Most technology is simply unreliable. Unless you pay a lot more for redundant
systems. My internet provider here in NYC, Time Warner Cable, has had 3
outages in 3 weeks, two being a full day in my neighborhood. And that's on a
$100/month 50 MB/s down and 5 MB/s up connection, the most expensive one they
offer to the home. Unfortunately, like a lot of the US, Time Warner's
infrastructure is horribly outdated, so these issues occur regularly. And, as
with much of the US, we don't have any other options. Neither of the other
cable providers service us. Verizon's FiOS rollout was abandoned. We can get
DSL, but it's horribly slow (under 1MB/s up) and is notoriously reliable (when
I tried it years back, it was down 8 days out of my 30 day trial period
because a Verizon tech 'plugged something in wrong in our street's box'). So,
I have to pay for a Verizon hotspot as a backup so I can 'reliably' work from
home. Of course, the 1st of the 3 most recent outages Time Warner had,
Verizon's LTE network went down at the same time.

So, yeah, that's the 'normal' of technology in the largest city in the United
States.

------
AndyKelley
This is what is displayed on the top of the website in an alert:

\-----------------

Peering Outage in SFO1 Sun Jul 21 19:15:00 2013

Upon further investigation is also appears nlayer might have a larger problem
on the west coast. We have taken the circuit out of service and have a ticket
opened with them to investigate. Sun Jul 21 19:50:34 2013

We saw some brief outages for one of our peers in SFO1.

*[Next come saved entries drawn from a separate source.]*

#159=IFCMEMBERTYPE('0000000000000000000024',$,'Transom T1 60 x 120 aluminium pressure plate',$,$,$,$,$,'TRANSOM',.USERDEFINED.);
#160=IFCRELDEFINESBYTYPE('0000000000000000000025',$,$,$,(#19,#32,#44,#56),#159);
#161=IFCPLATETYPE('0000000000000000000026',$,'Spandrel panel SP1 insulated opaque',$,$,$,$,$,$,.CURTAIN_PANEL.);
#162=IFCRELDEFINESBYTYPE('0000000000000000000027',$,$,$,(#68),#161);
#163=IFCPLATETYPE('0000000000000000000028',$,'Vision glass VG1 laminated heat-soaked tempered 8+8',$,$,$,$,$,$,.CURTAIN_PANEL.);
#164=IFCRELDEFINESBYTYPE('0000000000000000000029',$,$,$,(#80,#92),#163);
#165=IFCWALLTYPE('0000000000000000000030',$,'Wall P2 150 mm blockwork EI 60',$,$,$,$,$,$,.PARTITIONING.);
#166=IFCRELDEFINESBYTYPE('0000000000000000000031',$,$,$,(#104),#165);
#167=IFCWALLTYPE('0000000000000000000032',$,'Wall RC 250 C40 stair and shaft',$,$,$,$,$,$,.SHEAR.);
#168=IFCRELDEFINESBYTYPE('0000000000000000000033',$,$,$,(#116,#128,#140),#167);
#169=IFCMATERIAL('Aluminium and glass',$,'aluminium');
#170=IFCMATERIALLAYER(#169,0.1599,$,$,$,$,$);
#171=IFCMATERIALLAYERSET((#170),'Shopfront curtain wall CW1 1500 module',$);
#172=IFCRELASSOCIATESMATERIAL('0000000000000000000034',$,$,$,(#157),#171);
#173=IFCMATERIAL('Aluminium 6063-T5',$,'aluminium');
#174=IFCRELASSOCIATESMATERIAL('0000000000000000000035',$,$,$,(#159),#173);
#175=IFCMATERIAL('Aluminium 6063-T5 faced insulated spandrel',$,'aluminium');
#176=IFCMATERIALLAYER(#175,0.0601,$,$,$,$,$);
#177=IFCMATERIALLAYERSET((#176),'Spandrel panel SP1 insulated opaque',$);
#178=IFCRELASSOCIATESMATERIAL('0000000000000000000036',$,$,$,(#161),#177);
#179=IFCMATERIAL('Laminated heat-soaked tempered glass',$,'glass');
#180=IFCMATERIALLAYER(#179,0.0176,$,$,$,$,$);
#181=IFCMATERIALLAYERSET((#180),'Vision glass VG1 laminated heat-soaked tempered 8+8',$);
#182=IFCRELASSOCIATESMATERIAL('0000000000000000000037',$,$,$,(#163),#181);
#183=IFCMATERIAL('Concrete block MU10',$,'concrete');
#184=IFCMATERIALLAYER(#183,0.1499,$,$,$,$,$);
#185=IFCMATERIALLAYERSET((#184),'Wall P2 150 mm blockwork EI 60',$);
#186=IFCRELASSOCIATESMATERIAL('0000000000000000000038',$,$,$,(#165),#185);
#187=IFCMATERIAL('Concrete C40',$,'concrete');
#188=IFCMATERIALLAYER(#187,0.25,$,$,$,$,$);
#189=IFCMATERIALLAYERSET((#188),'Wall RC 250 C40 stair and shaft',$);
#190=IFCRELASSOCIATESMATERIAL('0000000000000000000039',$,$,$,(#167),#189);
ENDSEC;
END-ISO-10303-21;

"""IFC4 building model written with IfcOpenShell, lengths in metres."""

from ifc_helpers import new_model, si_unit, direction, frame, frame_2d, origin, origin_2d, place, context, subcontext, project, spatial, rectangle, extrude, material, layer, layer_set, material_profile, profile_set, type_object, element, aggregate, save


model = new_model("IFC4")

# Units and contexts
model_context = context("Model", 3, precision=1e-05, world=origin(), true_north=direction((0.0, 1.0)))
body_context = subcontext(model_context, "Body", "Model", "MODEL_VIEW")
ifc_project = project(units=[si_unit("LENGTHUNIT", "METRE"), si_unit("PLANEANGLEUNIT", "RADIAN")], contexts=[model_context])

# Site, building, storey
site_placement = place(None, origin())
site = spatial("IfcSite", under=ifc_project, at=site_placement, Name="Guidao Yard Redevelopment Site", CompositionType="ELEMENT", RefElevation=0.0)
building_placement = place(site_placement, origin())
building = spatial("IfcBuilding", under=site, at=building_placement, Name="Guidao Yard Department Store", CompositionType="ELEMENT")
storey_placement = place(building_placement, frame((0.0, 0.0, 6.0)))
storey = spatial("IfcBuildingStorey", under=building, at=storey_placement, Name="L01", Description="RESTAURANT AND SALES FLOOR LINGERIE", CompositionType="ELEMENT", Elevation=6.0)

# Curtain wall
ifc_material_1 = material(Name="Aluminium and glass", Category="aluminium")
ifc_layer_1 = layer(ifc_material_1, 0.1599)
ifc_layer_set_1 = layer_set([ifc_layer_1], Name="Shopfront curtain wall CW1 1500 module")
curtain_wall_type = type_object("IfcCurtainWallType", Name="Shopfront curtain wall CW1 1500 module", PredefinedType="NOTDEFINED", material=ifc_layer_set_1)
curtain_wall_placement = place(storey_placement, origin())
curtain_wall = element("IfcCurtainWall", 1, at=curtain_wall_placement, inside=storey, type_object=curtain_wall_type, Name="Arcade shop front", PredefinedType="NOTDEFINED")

While BGP converged on the backbones to reroute the inbound traffic from
nlayer to our other peers, you might have experienced a short outage. This is
standard bgp behavior and how the internet reroutes around outages.

Sun Jul 21 19:20:01 2013

\--------------------

It's not clear to me whether this is telling me that there _was_ an outage or
that there _is_ an outage. Regardless, my servers are inaccessible.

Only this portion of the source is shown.